Plot generated outside of this notebook

In [None]:
x_do = base_model.output
x_do = tf.keras.layers.GlobalAveragePooling2D()(x_do)
x_do = tf.keras.layers.Dropout(rate=0.2)(x_do)
x_do = Dense(512, activation ='relu')(x_do)
prediction_do = Dense(4, activation='softmax')(x_do) #Single output node for scores from 0 to 3
batch_size = 256
model_do = Model(inputs=base_model.input, outputs=prediction) #Creating model with positive/negative output

for layer in base_model.layers:
    layer.trainable = False #Keeps weights frozen

model_do.compile(optimizer='sgd',loss='categorical_crossentropy',metrics=['accuracy']) #Compiles model with sgd optimization and Categorical Crossentropy loss function

model_do.fit(Train_images, validation_data = Validation_images, epochs=15)

![image.png](attachment:293a06a1-ce03-4385-9bd2-4093de9de10c.png)

Above is a screenshot of the implementation of the VGG19 transfer learning with a dropout layer.
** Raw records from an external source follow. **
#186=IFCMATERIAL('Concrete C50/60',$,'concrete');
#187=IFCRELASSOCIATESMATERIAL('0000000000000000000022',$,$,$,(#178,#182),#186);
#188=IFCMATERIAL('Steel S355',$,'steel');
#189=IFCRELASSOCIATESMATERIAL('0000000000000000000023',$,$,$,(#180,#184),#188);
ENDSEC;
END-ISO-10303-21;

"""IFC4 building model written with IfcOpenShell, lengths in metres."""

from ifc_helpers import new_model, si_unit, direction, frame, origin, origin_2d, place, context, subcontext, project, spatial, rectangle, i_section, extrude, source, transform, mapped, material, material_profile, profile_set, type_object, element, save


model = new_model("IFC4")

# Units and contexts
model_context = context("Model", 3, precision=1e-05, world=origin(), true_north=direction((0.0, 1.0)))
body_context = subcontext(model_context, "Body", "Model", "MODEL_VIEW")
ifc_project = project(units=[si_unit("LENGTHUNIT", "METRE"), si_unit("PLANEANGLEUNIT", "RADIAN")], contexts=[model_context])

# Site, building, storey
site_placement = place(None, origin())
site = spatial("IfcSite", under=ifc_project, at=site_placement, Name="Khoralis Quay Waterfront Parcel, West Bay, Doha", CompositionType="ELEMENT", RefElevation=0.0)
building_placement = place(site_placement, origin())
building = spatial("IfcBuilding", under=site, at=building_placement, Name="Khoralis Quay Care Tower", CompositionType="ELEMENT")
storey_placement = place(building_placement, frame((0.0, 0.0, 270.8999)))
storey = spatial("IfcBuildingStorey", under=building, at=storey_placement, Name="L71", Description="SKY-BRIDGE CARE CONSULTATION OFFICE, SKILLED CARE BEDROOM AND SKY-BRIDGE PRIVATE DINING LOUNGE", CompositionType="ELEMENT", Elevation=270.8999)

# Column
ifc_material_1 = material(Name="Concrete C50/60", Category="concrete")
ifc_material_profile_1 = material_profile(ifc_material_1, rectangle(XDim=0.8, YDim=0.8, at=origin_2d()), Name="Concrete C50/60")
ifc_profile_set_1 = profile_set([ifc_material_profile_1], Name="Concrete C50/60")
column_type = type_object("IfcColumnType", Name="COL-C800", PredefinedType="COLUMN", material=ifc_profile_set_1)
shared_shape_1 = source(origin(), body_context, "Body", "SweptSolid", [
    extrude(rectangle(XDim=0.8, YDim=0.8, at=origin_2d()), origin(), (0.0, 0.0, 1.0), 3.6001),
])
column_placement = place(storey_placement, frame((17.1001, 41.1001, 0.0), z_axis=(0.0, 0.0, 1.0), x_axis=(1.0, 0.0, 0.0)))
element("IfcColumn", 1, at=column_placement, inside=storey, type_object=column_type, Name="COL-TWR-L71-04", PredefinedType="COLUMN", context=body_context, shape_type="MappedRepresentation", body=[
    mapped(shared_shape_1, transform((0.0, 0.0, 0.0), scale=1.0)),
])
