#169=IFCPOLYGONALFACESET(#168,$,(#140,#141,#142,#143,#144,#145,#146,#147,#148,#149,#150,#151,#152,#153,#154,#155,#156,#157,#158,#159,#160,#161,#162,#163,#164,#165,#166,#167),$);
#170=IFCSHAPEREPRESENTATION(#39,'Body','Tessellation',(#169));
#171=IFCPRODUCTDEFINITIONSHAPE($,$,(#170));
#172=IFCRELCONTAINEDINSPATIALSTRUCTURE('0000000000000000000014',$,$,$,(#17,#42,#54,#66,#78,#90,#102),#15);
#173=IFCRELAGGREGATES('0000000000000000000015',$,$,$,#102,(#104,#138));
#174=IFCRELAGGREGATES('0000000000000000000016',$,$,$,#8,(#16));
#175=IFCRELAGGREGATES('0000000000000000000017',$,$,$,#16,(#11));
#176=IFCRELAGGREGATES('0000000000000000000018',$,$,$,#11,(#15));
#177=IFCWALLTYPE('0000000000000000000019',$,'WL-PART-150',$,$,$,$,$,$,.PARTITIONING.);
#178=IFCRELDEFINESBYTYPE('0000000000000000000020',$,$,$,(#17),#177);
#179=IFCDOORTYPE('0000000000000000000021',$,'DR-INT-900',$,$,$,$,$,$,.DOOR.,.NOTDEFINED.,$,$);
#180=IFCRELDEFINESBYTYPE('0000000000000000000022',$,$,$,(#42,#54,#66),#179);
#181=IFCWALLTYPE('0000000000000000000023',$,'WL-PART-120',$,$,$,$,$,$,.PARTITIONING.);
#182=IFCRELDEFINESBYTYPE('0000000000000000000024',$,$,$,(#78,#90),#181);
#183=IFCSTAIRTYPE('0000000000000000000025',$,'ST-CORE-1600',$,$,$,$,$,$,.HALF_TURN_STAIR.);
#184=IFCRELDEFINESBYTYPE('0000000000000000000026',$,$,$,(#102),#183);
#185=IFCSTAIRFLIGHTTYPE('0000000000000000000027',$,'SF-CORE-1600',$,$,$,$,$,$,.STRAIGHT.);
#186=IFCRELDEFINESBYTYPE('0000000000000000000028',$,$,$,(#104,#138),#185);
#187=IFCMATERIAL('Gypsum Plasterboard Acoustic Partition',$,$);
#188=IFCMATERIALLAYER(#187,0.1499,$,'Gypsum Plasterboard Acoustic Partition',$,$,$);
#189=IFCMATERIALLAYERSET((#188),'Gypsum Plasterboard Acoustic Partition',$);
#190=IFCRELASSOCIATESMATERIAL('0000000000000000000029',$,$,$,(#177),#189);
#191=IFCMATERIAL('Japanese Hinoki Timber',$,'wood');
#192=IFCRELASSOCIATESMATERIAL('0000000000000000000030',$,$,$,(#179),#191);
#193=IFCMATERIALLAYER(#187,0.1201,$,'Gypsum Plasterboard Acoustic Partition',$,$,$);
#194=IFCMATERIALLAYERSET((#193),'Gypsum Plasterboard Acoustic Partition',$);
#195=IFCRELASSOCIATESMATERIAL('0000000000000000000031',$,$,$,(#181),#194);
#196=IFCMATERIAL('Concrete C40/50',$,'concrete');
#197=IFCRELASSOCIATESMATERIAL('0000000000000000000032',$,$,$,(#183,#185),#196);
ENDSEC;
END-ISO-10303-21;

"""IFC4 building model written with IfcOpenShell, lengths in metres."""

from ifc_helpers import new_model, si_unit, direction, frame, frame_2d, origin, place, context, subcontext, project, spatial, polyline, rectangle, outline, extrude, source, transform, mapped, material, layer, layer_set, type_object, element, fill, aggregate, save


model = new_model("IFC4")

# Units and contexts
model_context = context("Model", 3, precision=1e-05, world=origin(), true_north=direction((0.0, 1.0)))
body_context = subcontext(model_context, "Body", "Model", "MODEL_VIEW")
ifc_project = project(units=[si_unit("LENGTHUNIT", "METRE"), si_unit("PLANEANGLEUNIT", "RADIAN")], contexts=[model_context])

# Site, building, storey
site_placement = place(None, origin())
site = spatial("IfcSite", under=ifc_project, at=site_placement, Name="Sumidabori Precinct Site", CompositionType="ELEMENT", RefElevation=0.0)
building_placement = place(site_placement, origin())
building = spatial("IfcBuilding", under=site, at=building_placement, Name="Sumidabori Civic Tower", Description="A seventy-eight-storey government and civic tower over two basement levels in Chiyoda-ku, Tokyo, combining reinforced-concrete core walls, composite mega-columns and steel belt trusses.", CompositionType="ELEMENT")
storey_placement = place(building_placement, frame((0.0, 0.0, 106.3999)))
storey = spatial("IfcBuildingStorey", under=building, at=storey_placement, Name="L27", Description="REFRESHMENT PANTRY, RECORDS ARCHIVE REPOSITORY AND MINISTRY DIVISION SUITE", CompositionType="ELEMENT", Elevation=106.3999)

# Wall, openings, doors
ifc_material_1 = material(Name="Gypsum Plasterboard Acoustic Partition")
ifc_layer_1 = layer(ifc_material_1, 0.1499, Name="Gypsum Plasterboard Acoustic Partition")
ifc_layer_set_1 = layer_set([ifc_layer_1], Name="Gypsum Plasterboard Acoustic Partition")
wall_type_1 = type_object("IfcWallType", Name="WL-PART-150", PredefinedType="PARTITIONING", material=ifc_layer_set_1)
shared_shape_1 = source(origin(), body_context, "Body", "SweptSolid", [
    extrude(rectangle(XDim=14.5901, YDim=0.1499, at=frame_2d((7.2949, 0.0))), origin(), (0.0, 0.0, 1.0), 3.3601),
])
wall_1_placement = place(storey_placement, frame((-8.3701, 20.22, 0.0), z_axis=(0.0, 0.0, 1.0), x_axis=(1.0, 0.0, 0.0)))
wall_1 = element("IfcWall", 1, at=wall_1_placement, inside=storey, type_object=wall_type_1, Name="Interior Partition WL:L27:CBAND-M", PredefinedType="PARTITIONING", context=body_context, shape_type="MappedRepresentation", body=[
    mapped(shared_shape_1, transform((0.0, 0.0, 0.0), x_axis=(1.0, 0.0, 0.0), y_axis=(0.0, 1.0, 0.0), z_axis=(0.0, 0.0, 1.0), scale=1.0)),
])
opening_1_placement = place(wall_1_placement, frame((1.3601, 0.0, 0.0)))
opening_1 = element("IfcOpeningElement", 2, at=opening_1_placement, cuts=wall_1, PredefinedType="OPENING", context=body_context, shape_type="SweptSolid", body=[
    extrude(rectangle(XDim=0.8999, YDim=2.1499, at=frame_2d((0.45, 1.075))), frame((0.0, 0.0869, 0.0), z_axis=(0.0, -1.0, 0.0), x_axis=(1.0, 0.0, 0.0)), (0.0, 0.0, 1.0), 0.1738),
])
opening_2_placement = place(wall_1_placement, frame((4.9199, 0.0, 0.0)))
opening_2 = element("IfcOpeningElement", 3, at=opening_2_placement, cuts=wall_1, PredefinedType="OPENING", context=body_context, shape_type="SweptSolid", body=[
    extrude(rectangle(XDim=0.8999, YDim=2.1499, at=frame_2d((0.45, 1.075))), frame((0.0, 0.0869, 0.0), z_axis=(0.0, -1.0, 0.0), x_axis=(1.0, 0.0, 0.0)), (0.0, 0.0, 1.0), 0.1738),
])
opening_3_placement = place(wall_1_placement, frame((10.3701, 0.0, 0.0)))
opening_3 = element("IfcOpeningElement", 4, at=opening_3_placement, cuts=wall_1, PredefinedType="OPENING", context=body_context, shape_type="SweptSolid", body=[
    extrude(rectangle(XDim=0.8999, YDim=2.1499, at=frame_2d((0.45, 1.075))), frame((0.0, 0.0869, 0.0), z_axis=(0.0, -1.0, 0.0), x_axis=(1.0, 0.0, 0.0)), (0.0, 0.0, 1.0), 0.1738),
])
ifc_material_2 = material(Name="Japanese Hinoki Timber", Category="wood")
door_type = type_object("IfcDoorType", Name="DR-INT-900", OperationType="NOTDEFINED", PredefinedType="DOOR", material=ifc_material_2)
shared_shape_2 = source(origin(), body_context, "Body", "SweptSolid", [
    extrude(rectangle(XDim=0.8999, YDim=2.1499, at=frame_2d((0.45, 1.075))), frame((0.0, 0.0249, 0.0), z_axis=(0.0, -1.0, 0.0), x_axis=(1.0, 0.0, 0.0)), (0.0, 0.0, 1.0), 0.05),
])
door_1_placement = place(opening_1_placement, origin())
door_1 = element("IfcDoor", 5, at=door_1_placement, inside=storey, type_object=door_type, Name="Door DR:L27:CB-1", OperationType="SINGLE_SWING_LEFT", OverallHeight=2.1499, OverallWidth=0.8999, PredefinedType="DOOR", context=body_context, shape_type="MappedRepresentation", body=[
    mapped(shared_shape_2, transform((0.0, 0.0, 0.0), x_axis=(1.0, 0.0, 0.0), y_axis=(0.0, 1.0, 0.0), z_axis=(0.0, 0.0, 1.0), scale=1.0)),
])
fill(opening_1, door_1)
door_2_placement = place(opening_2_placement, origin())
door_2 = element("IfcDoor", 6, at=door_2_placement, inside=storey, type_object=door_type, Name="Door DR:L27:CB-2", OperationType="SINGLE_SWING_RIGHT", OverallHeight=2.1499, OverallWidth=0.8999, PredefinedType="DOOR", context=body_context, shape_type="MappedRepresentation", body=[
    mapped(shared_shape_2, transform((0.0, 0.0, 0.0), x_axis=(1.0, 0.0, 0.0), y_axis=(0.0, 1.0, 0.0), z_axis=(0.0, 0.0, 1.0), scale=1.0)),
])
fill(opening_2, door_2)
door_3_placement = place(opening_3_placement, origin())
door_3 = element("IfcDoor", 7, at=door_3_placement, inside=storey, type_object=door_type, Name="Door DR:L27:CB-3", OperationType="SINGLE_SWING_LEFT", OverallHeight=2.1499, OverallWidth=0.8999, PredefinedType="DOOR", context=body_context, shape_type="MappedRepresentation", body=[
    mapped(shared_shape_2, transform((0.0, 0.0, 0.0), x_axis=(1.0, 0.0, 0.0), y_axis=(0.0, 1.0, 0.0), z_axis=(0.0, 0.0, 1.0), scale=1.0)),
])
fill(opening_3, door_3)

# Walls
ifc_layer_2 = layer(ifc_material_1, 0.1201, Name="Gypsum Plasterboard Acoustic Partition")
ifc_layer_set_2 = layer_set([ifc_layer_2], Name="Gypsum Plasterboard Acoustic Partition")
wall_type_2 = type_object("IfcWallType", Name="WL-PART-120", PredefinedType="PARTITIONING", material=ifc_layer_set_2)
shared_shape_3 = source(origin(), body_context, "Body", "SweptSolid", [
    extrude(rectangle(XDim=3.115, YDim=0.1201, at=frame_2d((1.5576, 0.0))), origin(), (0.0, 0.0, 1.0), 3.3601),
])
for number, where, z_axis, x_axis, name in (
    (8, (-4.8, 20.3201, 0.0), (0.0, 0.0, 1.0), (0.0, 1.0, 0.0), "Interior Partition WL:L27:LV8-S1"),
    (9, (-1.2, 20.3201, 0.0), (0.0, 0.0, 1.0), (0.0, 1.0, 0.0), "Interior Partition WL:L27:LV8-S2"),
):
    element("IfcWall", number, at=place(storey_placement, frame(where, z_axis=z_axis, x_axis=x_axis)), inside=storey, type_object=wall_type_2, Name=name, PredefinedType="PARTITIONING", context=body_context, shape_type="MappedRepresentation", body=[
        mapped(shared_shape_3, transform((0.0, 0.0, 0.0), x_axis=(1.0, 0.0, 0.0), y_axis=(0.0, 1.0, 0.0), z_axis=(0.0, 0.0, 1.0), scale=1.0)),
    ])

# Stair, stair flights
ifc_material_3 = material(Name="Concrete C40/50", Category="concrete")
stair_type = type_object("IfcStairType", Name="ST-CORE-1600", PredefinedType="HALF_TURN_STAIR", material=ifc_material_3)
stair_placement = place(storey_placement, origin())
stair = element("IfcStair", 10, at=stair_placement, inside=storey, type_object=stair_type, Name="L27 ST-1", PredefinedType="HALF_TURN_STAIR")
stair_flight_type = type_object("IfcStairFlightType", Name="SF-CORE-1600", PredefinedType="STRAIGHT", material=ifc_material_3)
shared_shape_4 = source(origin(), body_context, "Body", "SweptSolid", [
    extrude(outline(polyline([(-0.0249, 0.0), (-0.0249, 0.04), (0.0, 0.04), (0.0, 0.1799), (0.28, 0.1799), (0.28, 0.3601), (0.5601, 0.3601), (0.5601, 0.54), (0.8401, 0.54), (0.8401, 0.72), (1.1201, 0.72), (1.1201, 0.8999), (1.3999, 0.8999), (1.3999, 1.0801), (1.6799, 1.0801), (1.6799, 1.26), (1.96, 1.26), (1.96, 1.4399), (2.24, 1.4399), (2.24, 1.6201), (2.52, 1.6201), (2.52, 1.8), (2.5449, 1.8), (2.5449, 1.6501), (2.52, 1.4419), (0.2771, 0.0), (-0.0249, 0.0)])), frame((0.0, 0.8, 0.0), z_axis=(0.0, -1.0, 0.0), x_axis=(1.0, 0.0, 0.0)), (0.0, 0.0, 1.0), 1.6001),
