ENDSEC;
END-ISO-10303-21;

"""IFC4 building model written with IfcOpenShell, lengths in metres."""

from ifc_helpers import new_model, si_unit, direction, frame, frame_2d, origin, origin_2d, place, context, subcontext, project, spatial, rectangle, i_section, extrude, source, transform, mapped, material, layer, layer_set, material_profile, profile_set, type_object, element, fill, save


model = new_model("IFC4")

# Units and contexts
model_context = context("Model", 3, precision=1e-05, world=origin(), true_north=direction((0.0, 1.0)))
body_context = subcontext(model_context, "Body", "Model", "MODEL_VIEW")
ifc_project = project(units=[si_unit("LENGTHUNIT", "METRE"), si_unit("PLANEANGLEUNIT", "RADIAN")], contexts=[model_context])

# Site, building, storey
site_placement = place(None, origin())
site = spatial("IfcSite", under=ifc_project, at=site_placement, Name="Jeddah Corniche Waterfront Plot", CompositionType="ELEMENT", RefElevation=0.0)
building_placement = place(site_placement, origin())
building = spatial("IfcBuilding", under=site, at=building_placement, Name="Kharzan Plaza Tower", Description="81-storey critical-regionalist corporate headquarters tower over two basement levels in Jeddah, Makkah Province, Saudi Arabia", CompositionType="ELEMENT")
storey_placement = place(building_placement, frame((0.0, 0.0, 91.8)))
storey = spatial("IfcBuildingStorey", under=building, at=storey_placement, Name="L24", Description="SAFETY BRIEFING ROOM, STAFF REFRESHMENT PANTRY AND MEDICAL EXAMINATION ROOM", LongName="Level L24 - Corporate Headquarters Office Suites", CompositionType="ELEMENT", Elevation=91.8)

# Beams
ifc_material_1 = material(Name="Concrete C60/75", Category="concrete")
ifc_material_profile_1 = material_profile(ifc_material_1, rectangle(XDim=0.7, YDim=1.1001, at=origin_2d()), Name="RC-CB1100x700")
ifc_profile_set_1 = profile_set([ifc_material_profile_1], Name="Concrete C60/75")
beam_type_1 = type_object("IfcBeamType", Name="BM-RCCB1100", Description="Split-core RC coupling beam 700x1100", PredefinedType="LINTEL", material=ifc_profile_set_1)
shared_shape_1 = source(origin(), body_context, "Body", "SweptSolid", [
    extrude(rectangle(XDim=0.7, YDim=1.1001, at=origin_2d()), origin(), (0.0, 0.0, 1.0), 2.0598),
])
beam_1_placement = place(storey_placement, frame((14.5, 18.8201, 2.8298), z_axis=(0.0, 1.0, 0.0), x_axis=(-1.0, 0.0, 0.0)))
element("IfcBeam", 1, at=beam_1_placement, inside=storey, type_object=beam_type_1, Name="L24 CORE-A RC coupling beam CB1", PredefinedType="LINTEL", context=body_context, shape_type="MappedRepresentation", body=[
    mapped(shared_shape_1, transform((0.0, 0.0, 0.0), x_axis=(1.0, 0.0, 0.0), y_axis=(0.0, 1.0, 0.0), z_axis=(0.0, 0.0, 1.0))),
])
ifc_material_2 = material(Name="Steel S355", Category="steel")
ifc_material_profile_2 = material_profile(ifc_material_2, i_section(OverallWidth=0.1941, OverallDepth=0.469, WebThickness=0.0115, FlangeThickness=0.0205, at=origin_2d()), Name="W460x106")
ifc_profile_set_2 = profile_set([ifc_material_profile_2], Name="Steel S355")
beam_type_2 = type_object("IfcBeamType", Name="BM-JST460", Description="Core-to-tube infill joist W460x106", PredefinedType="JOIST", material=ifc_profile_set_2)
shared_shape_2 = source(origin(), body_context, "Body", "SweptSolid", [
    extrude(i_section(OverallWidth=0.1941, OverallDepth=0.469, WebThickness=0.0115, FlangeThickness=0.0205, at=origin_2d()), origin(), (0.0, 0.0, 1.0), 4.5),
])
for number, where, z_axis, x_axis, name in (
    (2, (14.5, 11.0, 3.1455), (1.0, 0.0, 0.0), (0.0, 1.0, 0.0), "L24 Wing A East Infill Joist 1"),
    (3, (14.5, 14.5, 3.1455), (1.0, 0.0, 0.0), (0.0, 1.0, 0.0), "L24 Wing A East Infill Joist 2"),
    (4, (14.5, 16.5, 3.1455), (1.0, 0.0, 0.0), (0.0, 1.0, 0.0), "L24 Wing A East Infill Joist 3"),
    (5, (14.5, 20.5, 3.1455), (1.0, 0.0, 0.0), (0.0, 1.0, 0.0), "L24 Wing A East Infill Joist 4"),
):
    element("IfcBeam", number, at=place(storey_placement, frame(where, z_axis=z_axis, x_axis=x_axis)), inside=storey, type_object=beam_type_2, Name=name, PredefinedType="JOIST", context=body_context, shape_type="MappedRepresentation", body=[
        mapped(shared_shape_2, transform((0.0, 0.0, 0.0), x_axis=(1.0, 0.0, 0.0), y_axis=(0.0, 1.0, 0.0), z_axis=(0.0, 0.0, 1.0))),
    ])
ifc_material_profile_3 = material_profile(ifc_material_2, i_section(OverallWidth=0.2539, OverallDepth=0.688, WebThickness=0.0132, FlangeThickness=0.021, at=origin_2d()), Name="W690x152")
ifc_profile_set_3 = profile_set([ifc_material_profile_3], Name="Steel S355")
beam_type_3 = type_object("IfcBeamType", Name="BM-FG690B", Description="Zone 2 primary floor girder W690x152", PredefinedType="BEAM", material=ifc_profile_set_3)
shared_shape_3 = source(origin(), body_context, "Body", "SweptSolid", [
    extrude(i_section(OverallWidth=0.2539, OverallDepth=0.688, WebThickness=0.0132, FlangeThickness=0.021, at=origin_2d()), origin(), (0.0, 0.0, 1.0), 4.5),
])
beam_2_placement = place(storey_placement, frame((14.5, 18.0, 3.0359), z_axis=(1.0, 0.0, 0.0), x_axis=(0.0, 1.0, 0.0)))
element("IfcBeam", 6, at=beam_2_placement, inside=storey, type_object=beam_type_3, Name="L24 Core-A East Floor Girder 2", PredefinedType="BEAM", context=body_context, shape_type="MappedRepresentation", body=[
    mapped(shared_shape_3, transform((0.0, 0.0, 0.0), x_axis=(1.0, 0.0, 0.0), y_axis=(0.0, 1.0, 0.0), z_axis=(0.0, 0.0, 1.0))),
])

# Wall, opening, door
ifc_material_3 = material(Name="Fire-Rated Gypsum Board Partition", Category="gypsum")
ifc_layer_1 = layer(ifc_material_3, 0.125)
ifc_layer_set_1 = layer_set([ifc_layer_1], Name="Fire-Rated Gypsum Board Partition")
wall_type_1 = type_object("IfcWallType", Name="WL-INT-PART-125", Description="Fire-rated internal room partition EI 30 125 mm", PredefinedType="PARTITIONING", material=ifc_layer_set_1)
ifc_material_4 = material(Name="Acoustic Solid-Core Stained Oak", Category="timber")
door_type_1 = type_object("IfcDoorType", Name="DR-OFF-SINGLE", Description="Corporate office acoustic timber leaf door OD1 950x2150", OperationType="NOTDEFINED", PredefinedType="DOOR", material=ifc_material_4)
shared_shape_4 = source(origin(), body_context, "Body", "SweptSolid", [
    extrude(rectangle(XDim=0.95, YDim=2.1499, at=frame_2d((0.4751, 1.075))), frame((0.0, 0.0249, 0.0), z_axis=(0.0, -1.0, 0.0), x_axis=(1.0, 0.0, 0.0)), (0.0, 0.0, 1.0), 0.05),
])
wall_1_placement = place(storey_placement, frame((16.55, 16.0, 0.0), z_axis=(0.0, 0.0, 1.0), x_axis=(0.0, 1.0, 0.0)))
It also took ~3 hours to train, but there was significant improvement in the validation accuracy and loss compared to without the dropout layer. 

![image.png](attachment:627b95d4-08b3-4080-9ce8-5f5f2b7c0d1d.png)

Plot generated outside of this notebook

![image.png](attachment:1107f594-76e1-4916-bc59-c6219dcfb715.png)

Plot generated outside of this notebook

In [None]:
Test_images=Preprocessed_images.flow_from_dataframe(dataframe=Test, x_col='path', y_col='label', batch_size=batch_size, class_mode='categorical', target_size=(128,128), color_mode='rgb', validate_filenames=False)
Test_loss, Test_Accuracy = model_do.evaluate(Test_images)
print("Test Loss = " + str(Test_loss))
print("Test Accuracy = " + str(Test_Accuracy))

![image.png](attachment:4c2aba11-fef5-479e-94a9-5aa946105e5a.png)

While the test accuracy was a few percentage points lower than the validation of the last epoch, it is reasonably close. The challenge here was the limited resources to run VGG_19 epochs, but it is a good model.